Artykuły

Berlin. Rozpoczęło się Berlinale - w konkursie film Szumowskiej

65. Międzynarodowy Festiwal Filmowy Berlinale rozpoczął się w czwartek wieczorem w Berlinie. O główną nagrodę - Złotego Niedźwiedzia - ubiega się w tym roku 19 filmów, a wśród nich najnowszy obraz Małgorzaty Szumowskiej "Body/Ciało".

Dyrektor Berlinale Dieter Kosslik zapowiedział, że tematem przewodnim festiwalu będzie traktowanie mniejszości, religia i fanatyzm religijny, a także kwestie związane z płcią i molestowaniem seksualnym dzieci.

Zapewnił, że nie zabraknie też dobrej rozrywki oraz gwiazd.

Trwający do 15 lutego festiwal rozpoczął się od pokazu filmu "Nobody Wants the Night" z Juliette Binoche w roli głównej. Film przygodowy wyreżyserowany przez Hiszpankę Isabel Coixet, którego akcja rozgrywa się w 1908 roku, opowiada o życiu na Grenlandii. Film Coixet jest - robiącym wrażenie i czułym portretem dwóch kobiet w ekstremalnej sytuacji - mówi Kosslik.

Szumowska pokaże swój film na półmetku Berlinale - w poniedziałek. "Body/Ciało" (na zdjęciu) wyreżyserowała na podstawie własnego scenariusza, napisanego wspólnie z Michałem Englertem. Film łączy cechy kina psychologicznego i komediodramatu. Bohaterowie, zgorzkniały prokurator i jego córka, dziewczyna cierpiąca na anoreksję, próbują - każde na swój sposób - odnaleźć się po tragicznej śmierci bliskiej osoby. Pewnego dnia terapeutka córki, Anna, przekazuje im tajemniczą wiadomość z zaświatów. Bohaterowie muszą zweryfikować swoje poglądy na życie i na śmierć. W filmie wystąpili m.in. Janusz Gajos i Maja Ostaszewska.
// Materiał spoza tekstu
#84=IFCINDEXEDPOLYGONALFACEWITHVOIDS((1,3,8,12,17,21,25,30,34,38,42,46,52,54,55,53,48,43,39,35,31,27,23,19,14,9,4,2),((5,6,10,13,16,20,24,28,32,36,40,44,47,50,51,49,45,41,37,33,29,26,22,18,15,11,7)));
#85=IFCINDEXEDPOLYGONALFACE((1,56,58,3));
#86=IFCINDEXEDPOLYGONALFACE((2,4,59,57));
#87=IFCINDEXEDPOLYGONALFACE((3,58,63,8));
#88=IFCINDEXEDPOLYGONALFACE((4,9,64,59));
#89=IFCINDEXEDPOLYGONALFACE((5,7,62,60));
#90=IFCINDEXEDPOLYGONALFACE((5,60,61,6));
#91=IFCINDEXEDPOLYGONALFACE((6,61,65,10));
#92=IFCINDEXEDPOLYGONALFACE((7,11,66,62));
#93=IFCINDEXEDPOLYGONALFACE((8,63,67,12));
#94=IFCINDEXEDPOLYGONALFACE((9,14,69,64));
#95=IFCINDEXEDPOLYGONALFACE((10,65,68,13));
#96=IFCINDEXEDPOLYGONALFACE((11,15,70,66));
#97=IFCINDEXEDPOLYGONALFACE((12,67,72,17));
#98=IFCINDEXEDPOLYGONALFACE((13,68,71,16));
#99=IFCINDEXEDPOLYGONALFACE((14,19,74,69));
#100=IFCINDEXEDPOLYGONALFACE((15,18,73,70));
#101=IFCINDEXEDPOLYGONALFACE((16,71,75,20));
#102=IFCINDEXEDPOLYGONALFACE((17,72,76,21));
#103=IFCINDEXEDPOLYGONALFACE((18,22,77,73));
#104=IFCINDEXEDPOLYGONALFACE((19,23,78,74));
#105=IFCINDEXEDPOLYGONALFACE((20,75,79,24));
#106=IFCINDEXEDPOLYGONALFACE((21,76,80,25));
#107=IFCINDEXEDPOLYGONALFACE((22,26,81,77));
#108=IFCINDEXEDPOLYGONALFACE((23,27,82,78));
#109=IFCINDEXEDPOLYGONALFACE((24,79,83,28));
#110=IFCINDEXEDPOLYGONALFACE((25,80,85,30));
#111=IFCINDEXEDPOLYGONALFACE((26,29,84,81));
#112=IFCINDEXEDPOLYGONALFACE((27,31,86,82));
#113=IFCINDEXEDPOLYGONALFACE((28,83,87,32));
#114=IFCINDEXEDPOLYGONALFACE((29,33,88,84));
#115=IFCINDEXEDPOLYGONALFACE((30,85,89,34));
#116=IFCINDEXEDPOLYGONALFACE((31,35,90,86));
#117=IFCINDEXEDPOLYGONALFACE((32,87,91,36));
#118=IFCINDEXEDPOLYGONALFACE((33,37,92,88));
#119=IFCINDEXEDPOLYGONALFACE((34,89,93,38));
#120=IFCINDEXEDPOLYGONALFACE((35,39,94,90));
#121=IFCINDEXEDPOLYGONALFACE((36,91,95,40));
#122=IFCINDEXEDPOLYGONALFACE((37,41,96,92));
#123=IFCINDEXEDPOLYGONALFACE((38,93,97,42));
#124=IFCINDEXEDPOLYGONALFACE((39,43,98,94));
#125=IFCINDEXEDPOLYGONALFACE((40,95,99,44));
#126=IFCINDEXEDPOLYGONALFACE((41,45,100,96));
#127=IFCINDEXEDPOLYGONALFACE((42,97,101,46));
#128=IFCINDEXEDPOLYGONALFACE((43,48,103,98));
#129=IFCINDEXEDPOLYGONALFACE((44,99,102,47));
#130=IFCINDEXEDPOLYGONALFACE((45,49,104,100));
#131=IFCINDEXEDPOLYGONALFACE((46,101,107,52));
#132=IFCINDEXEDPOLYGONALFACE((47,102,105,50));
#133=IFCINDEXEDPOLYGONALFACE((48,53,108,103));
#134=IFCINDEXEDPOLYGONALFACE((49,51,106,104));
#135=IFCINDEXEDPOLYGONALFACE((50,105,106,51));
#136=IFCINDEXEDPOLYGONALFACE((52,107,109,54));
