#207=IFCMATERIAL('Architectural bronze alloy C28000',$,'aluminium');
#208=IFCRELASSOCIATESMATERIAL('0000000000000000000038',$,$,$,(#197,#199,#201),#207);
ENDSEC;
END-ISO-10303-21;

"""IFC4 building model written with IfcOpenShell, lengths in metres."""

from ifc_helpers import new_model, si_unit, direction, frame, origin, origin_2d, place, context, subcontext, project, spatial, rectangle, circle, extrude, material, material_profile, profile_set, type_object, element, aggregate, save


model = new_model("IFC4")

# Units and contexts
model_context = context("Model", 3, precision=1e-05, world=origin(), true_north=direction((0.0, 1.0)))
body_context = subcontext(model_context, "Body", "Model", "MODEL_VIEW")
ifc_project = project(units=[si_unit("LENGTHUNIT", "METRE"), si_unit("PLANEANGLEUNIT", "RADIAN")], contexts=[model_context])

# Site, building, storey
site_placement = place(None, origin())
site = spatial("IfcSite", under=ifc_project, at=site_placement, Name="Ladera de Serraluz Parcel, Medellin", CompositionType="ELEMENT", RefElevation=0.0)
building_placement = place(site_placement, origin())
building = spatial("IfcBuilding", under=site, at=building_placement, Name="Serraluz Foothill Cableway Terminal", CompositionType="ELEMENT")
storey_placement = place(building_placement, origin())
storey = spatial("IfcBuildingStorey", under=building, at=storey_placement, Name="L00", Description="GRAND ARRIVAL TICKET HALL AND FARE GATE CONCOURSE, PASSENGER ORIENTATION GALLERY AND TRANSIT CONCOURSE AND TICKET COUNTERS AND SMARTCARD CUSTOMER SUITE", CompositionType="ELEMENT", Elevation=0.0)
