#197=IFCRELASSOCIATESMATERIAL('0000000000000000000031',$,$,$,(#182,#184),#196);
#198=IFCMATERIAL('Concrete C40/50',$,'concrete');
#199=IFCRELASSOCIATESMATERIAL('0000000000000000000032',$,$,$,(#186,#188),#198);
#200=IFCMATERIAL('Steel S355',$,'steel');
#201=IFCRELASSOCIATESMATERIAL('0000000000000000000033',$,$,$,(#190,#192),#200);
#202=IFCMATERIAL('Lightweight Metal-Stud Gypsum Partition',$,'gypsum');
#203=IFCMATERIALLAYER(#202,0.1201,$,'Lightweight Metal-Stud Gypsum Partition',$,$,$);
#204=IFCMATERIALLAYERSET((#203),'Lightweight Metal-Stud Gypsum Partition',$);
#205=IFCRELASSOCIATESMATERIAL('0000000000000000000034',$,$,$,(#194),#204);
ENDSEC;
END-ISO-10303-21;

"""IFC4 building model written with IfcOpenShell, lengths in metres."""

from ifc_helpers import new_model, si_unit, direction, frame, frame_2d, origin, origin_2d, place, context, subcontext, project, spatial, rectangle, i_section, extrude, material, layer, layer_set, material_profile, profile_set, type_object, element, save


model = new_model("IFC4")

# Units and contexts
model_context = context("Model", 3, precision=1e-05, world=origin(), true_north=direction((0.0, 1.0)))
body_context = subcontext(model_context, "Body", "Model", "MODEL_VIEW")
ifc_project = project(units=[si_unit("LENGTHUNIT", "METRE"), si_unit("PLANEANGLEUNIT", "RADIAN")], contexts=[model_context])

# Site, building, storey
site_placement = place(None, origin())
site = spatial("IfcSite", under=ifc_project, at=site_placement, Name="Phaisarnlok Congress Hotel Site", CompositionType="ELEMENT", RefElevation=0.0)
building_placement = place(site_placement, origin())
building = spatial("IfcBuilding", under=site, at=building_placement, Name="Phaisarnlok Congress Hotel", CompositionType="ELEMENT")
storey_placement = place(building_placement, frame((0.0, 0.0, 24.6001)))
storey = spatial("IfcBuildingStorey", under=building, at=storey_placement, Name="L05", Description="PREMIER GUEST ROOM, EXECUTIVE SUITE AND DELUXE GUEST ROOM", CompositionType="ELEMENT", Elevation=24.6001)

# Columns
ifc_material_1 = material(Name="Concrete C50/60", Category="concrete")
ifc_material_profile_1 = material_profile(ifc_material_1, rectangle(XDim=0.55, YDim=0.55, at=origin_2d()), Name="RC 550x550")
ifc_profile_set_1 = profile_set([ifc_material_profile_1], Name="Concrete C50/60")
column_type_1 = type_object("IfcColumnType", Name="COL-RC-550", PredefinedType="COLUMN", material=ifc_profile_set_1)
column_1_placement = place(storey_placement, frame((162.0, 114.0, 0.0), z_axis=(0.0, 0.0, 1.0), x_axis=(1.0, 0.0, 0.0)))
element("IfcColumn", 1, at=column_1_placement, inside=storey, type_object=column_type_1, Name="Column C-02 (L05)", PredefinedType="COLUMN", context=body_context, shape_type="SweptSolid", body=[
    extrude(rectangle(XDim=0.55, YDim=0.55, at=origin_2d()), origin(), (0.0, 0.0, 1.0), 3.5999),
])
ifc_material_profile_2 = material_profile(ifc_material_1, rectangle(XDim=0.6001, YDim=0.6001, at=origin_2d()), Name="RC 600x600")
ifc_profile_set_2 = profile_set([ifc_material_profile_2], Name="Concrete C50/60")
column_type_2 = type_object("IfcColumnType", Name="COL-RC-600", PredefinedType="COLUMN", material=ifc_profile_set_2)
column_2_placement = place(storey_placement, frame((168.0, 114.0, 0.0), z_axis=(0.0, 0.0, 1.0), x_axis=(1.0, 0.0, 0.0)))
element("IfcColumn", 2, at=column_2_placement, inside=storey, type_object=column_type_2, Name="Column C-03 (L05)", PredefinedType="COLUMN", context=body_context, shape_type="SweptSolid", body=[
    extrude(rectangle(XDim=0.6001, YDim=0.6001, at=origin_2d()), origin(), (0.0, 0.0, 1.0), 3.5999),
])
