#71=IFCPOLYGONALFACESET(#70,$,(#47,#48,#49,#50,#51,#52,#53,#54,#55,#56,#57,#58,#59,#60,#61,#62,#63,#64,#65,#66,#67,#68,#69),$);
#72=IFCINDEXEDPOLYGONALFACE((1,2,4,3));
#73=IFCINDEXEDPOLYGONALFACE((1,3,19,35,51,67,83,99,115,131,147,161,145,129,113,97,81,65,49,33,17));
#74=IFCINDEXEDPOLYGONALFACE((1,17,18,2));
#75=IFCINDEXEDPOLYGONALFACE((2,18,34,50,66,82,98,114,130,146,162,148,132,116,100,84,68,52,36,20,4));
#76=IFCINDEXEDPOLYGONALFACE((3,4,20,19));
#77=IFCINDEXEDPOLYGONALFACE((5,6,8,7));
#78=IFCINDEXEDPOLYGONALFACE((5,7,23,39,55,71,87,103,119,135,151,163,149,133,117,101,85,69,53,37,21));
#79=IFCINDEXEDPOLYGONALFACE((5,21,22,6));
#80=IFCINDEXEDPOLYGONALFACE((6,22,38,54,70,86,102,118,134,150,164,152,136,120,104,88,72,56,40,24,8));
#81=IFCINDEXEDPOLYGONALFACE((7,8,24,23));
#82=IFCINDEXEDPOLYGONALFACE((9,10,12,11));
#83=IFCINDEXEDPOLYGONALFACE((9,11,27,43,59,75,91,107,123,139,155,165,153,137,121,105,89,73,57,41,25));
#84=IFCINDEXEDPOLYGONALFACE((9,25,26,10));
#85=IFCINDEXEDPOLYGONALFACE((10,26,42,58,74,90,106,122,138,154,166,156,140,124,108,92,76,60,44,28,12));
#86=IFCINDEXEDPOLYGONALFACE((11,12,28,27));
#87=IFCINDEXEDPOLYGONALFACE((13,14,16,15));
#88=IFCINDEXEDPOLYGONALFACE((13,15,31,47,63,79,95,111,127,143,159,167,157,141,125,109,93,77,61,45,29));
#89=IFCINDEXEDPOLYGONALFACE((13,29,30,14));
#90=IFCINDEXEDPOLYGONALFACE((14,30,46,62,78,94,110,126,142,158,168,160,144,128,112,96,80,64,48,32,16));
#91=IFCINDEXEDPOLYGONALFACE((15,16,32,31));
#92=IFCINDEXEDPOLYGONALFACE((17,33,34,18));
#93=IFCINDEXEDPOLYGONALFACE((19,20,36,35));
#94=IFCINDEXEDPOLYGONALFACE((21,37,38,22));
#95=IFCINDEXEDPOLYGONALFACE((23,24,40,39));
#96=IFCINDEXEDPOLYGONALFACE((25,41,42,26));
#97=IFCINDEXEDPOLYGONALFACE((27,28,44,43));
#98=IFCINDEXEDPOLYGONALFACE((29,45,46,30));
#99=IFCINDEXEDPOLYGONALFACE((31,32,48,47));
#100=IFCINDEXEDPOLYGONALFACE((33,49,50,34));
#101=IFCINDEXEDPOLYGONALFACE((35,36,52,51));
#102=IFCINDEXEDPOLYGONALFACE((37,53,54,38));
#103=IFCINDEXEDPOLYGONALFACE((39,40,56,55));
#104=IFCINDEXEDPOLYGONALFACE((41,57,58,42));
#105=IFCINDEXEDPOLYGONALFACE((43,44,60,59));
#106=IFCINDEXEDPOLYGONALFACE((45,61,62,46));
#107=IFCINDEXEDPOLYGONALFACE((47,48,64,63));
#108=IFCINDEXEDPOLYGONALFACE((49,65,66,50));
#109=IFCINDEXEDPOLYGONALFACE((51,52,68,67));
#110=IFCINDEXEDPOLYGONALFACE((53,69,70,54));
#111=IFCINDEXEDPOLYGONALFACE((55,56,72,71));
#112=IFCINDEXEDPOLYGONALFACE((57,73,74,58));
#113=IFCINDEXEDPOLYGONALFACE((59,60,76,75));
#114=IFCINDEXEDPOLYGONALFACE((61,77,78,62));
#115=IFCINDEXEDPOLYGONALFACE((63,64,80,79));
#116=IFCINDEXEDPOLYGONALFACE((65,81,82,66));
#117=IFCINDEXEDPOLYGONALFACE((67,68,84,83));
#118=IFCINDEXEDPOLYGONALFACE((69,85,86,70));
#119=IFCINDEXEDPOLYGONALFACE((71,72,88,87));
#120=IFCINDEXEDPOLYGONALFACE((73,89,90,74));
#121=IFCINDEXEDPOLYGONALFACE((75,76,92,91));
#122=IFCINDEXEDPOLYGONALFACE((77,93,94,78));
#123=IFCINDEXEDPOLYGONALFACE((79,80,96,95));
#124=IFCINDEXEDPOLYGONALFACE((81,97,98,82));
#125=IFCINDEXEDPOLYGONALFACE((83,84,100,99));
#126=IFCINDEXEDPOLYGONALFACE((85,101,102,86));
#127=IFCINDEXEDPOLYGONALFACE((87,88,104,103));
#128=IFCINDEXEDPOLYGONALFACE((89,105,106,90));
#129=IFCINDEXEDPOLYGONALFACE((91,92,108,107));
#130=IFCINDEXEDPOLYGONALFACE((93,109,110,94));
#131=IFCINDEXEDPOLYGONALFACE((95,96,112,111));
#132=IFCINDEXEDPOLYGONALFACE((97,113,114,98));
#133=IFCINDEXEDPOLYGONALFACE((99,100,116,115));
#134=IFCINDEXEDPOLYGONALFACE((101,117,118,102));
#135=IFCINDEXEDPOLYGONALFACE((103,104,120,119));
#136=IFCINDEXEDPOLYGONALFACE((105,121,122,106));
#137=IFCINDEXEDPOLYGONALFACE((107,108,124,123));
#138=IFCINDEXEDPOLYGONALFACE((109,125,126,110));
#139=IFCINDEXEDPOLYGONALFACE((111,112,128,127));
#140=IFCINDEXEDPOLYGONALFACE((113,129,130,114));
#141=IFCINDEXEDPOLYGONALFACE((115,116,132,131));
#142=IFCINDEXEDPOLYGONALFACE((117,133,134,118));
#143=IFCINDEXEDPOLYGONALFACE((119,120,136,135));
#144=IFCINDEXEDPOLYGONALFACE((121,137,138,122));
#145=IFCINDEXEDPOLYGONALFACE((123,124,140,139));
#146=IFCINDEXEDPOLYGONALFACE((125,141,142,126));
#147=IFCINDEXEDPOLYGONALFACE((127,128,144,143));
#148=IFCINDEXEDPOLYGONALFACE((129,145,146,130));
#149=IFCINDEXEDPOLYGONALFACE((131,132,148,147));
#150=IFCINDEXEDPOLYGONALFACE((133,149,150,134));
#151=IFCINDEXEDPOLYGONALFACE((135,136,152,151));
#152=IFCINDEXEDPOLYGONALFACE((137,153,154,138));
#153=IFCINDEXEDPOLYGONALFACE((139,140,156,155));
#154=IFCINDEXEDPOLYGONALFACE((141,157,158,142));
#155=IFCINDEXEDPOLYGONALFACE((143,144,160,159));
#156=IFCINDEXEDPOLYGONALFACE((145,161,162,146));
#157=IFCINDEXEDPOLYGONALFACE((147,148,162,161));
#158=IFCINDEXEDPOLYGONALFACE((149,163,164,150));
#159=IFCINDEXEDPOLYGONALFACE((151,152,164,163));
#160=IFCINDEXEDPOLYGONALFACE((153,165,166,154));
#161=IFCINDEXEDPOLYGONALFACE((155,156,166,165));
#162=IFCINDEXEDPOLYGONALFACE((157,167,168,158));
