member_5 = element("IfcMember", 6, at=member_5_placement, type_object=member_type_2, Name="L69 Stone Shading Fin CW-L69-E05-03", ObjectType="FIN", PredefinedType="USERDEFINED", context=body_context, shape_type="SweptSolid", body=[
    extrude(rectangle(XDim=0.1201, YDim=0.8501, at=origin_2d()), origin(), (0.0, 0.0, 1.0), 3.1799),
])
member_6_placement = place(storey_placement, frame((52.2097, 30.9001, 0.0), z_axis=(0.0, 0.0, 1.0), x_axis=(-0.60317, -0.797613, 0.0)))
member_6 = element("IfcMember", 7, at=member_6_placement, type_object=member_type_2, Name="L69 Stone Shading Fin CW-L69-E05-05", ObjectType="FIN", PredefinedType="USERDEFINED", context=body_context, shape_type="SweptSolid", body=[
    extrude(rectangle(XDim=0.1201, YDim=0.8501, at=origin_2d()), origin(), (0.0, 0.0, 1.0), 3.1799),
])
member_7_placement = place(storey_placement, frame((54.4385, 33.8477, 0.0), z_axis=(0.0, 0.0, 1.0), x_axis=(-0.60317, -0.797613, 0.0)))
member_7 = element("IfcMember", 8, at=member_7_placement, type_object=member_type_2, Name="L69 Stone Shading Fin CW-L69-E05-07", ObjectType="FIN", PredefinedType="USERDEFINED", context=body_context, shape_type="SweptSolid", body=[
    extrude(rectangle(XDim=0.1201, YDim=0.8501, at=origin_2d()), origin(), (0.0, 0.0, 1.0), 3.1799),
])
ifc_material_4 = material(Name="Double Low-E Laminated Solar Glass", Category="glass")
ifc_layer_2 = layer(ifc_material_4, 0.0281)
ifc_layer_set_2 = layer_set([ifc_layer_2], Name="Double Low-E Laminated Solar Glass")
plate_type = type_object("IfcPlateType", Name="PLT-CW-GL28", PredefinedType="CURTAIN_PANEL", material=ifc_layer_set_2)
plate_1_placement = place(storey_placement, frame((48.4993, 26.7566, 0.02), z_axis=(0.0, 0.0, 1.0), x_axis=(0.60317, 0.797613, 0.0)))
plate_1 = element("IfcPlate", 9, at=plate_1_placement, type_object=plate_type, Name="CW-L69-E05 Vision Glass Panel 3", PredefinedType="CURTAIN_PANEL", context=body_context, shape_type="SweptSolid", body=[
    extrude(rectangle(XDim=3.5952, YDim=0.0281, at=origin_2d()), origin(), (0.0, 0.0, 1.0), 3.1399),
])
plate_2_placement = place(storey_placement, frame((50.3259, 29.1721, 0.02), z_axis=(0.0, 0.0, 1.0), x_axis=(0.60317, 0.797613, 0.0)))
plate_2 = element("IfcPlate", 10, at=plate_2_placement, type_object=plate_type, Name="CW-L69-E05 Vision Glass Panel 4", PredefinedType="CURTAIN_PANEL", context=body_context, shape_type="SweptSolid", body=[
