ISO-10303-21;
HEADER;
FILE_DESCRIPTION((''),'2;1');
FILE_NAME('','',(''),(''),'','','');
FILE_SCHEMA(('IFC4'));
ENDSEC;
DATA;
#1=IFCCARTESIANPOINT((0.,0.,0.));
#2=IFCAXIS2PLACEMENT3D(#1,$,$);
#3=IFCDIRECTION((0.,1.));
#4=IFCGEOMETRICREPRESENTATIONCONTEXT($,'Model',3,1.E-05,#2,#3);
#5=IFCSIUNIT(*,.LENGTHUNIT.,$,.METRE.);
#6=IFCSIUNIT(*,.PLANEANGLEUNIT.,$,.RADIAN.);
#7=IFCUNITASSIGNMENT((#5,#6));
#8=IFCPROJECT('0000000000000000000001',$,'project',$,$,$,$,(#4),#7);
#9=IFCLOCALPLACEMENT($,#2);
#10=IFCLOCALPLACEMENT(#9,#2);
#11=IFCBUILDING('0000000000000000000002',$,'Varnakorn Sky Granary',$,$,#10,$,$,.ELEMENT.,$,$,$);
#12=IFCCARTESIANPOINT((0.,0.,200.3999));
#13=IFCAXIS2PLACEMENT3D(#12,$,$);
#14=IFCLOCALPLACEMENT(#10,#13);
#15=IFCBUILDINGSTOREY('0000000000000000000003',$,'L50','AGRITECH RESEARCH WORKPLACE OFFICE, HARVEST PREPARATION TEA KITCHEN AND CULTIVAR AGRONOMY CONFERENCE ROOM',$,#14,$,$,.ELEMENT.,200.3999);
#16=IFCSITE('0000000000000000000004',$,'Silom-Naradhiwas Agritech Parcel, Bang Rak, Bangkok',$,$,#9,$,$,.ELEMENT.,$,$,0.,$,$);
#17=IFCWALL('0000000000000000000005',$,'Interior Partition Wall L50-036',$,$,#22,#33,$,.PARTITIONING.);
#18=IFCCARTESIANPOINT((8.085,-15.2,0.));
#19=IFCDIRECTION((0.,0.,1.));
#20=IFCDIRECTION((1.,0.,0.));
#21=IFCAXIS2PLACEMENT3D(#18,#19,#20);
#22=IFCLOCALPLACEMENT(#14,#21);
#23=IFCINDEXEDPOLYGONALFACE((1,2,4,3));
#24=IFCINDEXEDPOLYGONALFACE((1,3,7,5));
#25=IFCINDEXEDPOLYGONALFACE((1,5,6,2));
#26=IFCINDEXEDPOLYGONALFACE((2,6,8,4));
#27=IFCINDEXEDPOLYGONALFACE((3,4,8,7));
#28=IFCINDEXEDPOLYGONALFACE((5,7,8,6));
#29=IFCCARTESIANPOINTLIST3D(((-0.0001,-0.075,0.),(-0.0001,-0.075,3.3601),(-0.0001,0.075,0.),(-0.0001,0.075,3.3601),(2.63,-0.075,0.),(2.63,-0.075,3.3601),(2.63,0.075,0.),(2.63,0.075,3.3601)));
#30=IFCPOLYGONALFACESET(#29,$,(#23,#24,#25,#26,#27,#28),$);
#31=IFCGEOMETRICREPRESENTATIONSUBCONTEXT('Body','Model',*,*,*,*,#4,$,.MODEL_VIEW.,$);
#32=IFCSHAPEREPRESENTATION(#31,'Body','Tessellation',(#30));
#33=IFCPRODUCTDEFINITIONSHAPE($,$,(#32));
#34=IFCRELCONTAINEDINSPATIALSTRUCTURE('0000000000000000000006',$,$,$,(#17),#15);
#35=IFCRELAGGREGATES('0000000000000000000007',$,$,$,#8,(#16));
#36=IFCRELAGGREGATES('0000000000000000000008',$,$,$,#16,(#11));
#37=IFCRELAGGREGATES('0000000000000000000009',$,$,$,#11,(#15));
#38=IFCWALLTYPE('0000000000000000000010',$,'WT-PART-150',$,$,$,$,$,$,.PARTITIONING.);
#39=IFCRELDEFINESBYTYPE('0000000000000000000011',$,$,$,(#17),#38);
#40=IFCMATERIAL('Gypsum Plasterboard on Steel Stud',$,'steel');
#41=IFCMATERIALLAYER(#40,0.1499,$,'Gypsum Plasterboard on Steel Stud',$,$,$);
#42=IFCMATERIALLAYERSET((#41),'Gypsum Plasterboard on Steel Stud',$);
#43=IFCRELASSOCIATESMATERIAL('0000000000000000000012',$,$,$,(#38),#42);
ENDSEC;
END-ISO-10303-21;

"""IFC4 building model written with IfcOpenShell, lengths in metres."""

from ifc_helpers import new_model, si_unit, direction, frame, frame_2d, origin, place, context, subcontext, project, spatial, rectangle, extrude, material, layer, layer_set, type_object, element, save


model = new_model("IFC4")

# Units and contexts
model_context = context("Model", 3, precision=1e-05, world=origin(), true_north=direction((0.0, 1.0)))
body_context = subcontext(model_context, "Body", "Model", "MODEL_VIEW")
ifc_project = project(units=[si_unit("LENGTHUNIT", "METRE"), si_unit("PLANEANGLEUNIT", "RADIAN")], contexts=[model_context])

# Site, building, storey
site_placement = place(None, origin())
site = spatial("IfcSite", under=ifc_project, at=site_placement, Name="Silom-Naradhiwas Agritech Parcel, Bang Rak, Bangkok", CompositionType="ELEMENT", RefElevation=0.0)
building_placement = place(site_placement, origin())
building = spatial("IfcBuilding", under=site, at=building_placement, Name="Varnakorn Sky Granary", CompositionType="ELEMENT")
storey_placement = place(building_placement, frame((0.0, 0.0, 200.3999)))
storey = spatial("IfcBuildingStorey", under=building, at=storey_placement, Name="L50", Description="AGRITECH RESEARCH WORKPLACE OFFICE, HARVEST PREPARATION TEA KITCHEN AND CULTIVAR AGRONOMY CONFERENCE ROOM", CompositionType="ELEMENT", Elevation=200.3999)

# Wall
ifc_material_1 = material(Name="Gypsum Plasterboard on Steel Stud", Category="steel")
ifc_layer_1 = layer(ifc_material_1, 0.1499, Name="Gypsum Plasterboard on Steel Stud")
ifc_layer_set_1 = layer_set([ifc_layer_1], Name="Gypsum Plasterboard on Steel Stud")
wall_type = type_object("IfcWallType", Name="WT-PART-150", PredefinedType="PARTITIONING", material=ifc_layer_set_1)
wall_1_placement = place(storey_placement, frame((8.085, -15.2, 0.0), z_axis=(0.0, 0.0, 1.0), x_axis=(1.0, 0.0, 0.0)))
element("IfcWall", 1, at=wall_1_placement, inside=storey, type_object=wall_type, Name="Interior Partition Wall L50-036", PredefinedType="PARTITIONING", context=body_context, shape_type="SweptSolid", body=[
    extrude(rectangle(XDim=2.6301, YDim=0.1499, at=frame_2d((1.3149, 0.0))), origin(), (0.0, 0.0, 1.0), 3.3601),
])

save(model, "model.ifc")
Według reżyserki "Body/Ciało" to rodzaj przypowieści o współczesnym człowieku. - O tym, że tęsknimy za czymś, co najczęściej jest blisko, tylko nie potrafimy tego dostrzec - dlatego szukamy różnego rodzaju wiary lub niewiary, nie zauważając, że szczęście jest tu i teraz, na wyciągnięcie ręki - opowiadała PAP Szumowska.

- Berlinale to jedno z najbardziej liczących się wydarzeń na filmowej mapie świata, zatem bardzo się cieszę, że po raz kolejny w konkursie głównym tego festiwalu zobaczymy film polskiego twórcy - powiedziała PAP dyrektor Polskiego Instytutu Sztuki Filmowej Agnieszka Odorowicz.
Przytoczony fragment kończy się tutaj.